Every Claude Code session (start, end, initial prompt, end reason)
Every sub-agent invocation (root + children, with linkage to the spawning Agent tool call)
Every tool call in the capture allowlist (Agent, Bash, Edit, Write, WebFetch, WebSearch, and mcp__.*)
Tool input + tool response payloads as JSONB; anything >50KB spills to a separate artifacts table
Claude's text narration between tool calls — read from the Claude Code transcript file at every Stop / SubagentStop, stored in the messages table. (Extended thinking blocks are encrypted by Anthropic — only text blocks are capturable.)
The model and token usage that actually ran — per session and per invocation, summed from the transcript (message.model + message.usage). The hook stream can't supply these: SessionStart often omits the model and no hook event carries token totals, so cc-logger reads them from the transcript it's already parsing for narration.
Optional regex redaction of common secret patterns before write (on by default)

Token usage and model are recovered from the transcript, so they work even though the hooks don't report them. To repopulate sessions captured before this existed, run python scripts/backfill-tokens-model.py --apply.

Privacy

By default, common secret patterns (API keys, bearer tokens, passwords in connection strings) are redacted before any payload is written to Postgres. Known gaps are tracked as xfail tests in tests/test_redaction_known_gaps.py. Disable with REDACT_SECRETS=0 if you want raw capture. Full story in docs/PRIVACY.md.

Tool capture allowlist

Captured: Agent, Bash, Edit, Write, WebFetch, WebSearch, mcp__.*
Skipped: Read, Glob, Grep, TodoWrite (to keep volume sane).

CLI

cc-logger sessions [--limit N]              # list recent sessions (model, tokens, rating)
cc-logger inspect <session-id>              # render the session tree
cc-logger insights [--days N]               # cross-session analytics (incl. tokens by model)
cc-logger rate <session-id> <1-5> [--note "…"]   # attach a retrospective rating + note

rate accepts a unique session-id prefix. The rating and note land in
sessions.self_rating / sessions.retro_note and show up in sessions,
insights, and vw_session_summary — closing the film-room loop so a run you
learned something from is queryable later.

Canned queries

Fifteen ready-to-run SQL files in queries/.

The conformance loop (the differentiated value — see "Comparing runs" above):

13_tool_sequence_conformance.sql — groups sessions by their root-agent tool sequence to surface drift across repeat runs of the same agent.

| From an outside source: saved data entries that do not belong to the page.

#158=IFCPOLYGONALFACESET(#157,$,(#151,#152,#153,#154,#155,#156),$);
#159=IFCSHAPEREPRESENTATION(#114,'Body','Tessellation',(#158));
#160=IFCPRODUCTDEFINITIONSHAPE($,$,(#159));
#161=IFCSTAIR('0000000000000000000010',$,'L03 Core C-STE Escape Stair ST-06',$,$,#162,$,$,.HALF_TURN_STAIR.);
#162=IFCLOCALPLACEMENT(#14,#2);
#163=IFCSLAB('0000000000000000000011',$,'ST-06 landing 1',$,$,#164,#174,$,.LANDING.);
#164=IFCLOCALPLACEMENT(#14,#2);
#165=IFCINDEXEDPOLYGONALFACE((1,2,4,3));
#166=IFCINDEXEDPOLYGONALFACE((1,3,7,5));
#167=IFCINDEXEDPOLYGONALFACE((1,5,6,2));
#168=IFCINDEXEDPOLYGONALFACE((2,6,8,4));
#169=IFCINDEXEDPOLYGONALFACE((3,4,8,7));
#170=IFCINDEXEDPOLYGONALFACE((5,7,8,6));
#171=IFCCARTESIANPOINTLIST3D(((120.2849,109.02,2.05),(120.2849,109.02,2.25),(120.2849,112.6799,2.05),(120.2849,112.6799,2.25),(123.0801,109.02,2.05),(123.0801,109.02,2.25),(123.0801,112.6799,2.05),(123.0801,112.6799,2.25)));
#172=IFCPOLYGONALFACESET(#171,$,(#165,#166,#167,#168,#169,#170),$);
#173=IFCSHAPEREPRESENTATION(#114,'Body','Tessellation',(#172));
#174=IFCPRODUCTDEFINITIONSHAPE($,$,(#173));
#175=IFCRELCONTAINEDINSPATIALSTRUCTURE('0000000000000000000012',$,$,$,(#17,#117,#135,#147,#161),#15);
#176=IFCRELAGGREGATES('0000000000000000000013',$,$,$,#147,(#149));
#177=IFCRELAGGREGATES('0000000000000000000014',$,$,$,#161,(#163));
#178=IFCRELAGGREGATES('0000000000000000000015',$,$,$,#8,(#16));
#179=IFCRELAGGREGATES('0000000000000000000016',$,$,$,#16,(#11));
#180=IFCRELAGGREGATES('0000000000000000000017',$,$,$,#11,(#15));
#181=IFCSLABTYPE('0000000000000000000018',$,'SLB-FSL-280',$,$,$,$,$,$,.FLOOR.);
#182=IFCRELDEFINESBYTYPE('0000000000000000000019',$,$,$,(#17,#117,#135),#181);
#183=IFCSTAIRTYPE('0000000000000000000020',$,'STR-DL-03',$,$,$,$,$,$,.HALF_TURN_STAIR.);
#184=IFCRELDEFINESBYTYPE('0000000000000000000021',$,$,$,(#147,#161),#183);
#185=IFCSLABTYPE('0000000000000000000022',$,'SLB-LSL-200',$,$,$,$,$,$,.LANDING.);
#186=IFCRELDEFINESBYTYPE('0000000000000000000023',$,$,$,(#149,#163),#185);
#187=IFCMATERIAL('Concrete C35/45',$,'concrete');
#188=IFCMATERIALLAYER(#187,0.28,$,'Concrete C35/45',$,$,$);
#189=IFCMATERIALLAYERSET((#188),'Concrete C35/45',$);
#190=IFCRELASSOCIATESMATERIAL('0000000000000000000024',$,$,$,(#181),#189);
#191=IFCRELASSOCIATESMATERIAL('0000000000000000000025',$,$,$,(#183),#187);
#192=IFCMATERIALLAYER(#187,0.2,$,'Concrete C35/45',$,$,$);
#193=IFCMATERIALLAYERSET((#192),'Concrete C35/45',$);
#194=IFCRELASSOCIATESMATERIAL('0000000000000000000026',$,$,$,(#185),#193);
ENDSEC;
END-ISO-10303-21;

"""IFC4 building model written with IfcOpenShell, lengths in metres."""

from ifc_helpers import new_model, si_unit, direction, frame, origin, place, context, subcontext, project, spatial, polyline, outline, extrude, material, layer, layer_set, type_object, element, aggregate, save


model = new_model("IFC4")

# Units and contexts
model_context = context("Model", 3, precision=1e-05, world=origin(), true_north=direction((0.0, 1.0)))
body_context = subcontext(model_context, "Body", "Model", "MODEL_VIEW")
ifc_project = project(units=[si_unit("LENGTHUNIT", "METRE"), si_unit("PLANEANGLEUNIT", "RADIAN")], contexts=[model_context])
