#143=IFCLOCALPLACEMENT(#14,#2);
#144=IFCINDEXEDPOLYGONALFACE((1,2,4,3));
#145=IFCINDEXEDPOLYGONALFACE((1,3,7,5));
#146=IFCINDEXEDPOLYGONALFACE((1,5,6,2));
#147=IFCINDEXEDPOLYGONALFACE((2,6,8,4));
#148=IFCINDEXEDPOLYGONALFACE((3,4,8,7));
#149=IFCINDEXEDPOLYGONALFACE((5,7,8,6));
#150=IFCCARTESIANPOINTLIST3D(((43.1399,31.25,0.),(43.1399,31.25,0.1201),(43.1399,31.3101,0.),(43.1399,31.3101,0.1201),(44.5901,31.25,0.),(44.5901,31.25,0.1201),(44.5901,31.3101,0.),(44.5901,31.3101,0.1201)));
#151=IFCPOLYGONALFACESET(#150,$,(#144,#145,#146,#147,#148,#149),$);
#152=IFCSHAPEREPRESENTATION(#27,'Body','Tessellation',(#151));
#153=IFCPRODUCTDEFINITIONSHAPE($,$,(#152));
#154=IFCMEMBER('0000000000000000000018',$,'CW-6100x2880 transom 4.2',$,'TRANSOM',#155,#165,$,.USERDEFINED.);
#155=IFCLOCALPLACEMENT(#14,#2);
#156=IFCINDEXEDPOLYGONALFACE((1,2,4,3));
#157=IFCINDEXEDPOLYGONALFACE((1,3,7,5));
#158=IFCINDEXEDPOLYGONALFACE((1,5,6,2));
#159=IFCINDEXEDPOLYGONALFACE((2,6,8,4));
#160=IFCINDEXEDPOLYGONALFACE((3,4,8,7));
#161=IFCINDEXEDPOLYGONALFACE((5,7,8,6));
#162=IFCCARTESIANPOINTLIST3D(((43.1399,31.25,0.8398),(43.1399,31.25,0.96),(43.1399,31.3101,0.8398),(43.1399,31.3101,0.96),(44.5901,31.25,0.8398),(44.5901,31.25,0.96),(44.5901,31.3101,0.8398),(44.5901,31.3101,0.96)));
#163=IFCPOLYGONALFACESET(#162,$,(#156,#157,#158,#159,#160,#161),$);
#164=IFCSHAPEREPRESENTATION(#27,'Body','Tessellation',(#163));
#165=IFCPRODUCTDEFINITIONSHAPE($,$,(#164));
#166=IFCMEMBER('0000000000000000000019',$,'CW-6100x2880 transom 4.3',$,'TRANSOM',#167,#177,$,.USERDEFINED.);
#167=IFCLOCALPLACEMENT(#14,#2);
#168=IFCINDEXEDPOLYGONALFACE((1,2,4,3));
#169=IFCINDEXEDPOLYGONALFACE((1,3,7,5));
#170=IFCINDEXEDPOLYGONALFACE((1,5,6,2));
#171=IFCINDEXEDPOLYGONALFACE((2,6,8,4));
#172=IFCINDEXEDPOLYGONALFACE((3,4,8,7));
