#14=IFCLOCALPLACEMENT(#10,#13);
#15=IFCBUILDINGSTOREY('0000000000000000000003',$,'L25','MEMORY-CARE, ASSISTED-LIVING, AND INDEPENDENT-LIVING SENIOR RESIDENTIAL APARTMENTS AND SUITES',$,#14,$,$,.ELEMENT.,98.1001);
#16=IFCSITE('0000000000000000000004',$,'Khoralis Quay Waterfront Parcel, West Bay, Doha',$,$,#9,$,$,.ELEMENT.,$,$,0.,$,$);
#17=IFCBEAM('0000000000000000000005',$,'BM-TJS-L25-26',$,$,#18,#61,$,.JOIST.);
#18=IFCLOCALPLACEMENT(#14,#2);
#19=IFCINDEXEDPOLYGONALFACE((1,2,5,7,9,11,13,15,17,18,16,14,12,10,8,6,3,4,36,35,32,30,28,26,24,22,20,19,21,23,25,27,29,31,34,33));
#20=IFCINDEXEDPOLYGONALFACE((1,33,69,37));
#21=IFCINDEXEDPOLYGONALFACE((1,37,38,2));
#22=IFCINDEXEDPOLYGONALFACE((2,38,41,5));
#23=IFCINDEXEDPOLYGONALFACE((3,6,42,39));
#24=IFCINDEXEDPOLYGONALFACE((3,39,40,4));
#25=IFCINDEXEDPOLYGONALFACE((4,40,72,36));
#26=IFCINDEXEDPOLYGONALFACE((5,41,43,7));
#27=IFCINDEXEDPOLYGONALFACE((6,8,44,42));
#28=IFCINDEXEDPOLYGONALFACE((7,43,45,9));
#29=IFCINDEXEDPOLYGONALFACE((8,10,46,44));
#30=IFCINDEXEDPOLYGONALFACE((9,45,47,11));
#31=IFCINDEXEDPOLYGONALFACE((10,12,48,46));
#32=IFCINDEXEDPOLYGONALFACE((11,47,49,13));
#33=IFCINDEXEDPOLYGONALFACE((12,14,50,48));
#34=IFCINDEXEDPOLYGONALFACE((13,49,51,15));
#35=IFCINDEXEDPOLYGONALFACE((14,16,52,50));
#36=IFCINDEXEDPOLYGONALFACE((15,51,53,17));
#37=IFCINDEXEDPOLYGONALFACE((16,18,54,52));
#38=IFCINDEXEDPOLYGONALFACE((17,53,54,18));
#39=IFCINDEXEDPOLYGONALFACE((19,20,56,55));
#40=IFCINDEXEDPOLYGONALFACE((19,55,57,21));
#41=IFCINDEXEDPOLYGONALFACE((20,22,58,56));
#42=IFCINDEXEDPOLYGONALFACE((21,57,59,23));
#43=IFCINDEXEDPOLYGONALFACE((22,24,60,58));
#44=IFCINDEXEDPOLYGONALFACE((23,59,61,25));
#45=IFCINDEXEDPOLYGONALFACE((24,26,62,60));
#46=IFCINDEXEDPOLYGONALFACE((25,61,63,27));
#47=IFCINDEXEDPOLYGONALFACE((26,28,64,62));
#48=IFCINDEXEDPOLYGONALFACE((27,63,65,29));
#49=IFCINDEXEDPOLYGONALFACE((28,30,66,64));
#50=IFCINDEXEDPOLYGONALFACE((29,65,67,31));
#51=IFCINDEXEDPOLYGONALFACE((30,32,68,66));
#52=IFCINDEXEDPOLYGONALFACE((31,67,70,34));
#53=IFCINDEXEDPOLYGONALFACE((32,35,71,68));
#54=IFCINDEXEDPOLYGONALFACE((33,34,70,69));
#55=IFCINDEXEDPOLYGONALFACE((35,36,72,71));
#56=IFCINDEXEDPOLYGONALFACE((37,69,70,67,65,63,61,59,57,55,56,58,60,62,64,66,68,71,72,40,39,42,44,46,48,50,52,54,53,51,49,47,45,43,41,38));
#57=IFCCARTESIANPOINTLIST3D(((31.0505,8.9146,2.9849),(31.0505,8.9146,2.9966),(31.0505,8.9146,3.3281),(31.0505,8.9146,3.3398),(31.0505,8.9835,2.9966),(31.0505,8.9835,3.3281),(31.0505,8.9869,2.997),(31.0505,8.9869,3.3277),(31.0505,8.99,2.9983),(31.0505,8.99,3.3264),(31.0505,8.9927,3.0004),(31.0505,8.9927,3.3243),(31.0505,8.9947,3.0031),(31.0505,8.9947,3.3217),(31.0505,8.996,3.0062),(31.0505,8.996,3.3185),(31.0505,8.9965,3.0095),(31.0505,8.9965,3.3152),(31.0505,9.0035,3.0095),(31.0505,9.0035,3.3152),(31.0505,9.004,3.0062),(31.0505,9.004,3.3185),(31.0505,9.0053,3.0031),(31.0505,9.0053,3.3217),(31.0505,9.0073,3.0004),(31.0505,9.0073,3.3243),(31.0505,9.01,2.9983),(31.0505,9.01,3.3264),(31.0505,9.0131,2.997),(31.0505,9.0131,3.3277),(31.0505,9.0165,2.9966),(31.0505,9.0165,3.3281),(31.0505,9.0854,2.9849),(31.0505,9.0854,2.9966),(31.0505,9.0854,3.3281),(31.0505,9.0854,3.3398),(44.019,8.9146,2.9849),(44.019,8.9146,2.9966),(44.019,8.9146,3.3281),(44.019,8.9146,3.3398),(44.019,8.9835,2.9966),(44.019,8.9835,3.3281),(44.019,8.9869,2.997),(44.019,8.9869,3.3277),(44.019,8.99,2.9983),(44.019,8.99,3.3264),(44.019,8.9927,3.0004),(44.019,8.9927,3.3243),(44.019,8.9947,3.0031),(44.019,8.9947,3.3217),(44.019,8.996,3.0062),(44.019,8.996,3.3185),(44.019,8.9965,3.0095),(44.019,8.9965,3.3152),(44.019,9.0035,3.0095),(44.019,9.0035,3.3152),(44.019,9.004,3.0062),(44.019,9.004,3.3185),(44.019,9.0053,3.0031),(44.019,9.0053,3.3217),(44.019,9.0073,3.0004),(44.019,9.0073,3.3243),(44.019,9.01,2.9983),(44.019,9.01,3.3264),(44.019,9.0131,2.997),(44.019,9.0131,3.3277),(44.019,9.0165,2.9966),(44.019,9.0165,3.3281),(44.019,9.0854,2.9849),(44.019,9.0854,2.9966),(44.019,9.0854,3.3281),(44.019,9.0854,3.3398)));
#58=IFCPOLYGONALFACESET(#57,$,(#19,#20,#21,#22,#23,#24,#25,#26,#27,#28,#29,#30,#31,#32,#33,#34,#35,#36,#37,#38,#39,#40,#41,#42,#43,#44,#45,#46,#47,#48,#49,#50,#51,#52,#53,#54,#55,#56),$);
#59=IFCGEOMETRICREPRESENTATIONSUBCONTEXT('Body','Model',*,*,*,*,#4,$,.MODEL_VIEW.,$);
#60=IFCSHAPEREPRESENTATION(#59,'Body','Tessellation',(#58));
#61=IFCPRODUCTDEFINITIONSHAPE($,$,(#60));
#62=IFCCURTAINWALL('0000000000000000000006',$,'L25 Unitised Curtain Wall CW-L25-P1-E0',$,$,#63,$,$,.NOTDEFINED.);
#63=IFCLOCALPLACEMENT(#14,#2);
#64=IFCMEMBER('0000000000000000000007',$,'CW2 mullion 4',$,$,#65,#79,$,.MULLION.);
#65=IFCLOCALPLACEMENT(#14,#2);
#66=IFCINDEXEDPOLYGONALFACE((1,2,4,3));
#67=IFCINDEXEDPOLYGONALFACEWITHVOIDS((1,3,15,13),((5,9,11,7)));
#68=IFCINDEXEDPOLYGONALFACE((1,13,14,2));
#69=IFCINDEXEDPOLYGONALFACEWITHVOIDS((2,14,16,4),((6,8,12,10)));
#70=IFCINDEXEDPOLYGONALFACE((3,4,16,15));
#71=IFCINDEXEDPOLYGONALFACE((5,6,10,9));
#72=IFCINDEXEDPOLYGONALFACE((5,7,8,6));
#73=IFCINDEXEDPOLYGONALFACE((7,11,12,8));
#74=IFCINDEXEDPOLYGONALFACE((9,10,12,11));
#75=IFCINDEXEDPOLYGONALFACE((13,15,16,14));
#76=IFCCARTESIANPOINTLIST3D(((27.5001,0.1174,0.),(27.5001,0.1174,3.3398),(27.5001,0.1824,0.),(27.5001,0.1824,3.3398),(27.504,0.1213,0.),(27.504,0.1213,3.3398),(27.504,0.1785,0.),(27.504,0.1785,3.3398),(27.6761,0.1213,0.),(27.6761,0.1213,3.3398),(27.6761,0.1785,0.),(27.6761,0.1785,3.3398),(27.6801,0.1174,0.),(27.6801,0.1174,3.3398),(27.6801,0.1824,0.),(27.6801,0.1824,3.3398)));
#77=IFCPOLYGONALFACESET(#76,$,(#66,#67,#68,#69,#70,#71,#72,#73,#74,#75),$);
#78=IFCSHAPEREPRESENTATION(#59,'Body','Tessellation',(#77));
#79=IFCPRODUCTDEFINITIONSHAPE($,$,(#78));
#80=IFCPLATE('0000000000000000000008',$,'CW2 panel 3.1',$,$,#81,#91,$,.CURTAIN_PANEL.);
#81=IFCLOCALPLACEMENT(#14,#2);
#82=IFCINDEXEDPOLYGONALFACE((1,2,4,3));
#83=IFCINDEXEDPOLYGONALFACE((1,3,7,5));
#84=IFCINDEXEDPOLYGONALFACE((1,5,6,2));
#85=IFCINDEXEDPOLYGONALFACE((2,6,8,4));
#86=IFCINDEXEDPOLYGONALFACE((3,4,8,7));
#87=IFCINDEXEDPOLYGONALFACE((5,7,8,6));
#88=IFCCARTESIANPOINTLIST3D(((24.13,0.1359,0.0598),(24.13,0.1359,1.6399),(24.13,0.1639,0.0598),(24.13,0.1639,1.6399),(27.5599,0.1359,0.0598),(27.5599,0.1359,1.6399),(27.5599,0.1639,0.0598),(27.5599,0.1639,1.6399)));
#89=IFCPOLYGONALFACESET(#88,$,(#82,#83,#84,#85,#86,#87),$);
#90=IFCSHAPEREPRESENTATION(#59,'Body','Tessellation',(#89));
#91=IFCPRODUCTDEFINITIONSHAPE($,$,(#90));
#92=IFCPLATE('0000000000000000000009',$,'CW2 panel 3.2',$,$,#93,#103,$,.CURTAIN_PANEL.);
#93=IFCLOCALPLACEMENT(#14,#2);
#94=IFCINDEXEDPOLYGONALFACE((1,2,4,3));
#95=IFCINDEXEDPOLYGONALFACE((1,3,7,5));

Modal paths vs. snowflakes.
14_compare_two_runs.sql — side-by-side diff of two specific sessions, with a match column flagging where they did the same thing vs. where they diverged.
15_branching_points.sql — for two sessions, finds the first position where their tool sequences differ, and pulls Claude's narration (±60s) around that branch.

Single-session and aggregate analytics:

01_session_summary.sql — recent sessions with counts and duration
02_tool_usage.sql — tool mix and reliability (last 24h)
03_subagent_tree.sql — sub-agent tree for a session
04_failures_breakdown.sql — what's timing out vs. failing fast
05_hourly_activity.sql — when you actually work
06_repeat_fail_domains.sql — WebFetch hosts to avoid
07_slowest_subagents.sql — outlier deep dives
08_orphaned_calls.sql — Bash calls that never reported back
09_tool_calls_over_time.sql — tool volume by day
10_subagent_fanout_distribution.sql — how often you fan out, and how wide
11_longest_sessions_by_prompt.sql — which prompts produced the longest sessions
12_error_rates_by_tool.sql — fail % per tool name

Schema

Five tables: sessions, agent_invocations, tool_calls, artifacts, messages. Full reference in docs/SCHEMA.md.

License

GNU AGPL-3.0-or-later. cc-logger is free software: use, modify, and
self-host it freely. The copyleft terms mean that if you modify cc-logger and
make it available to others — including over a network (e.g. as a hosted
service) — you must release your modified source under the same license.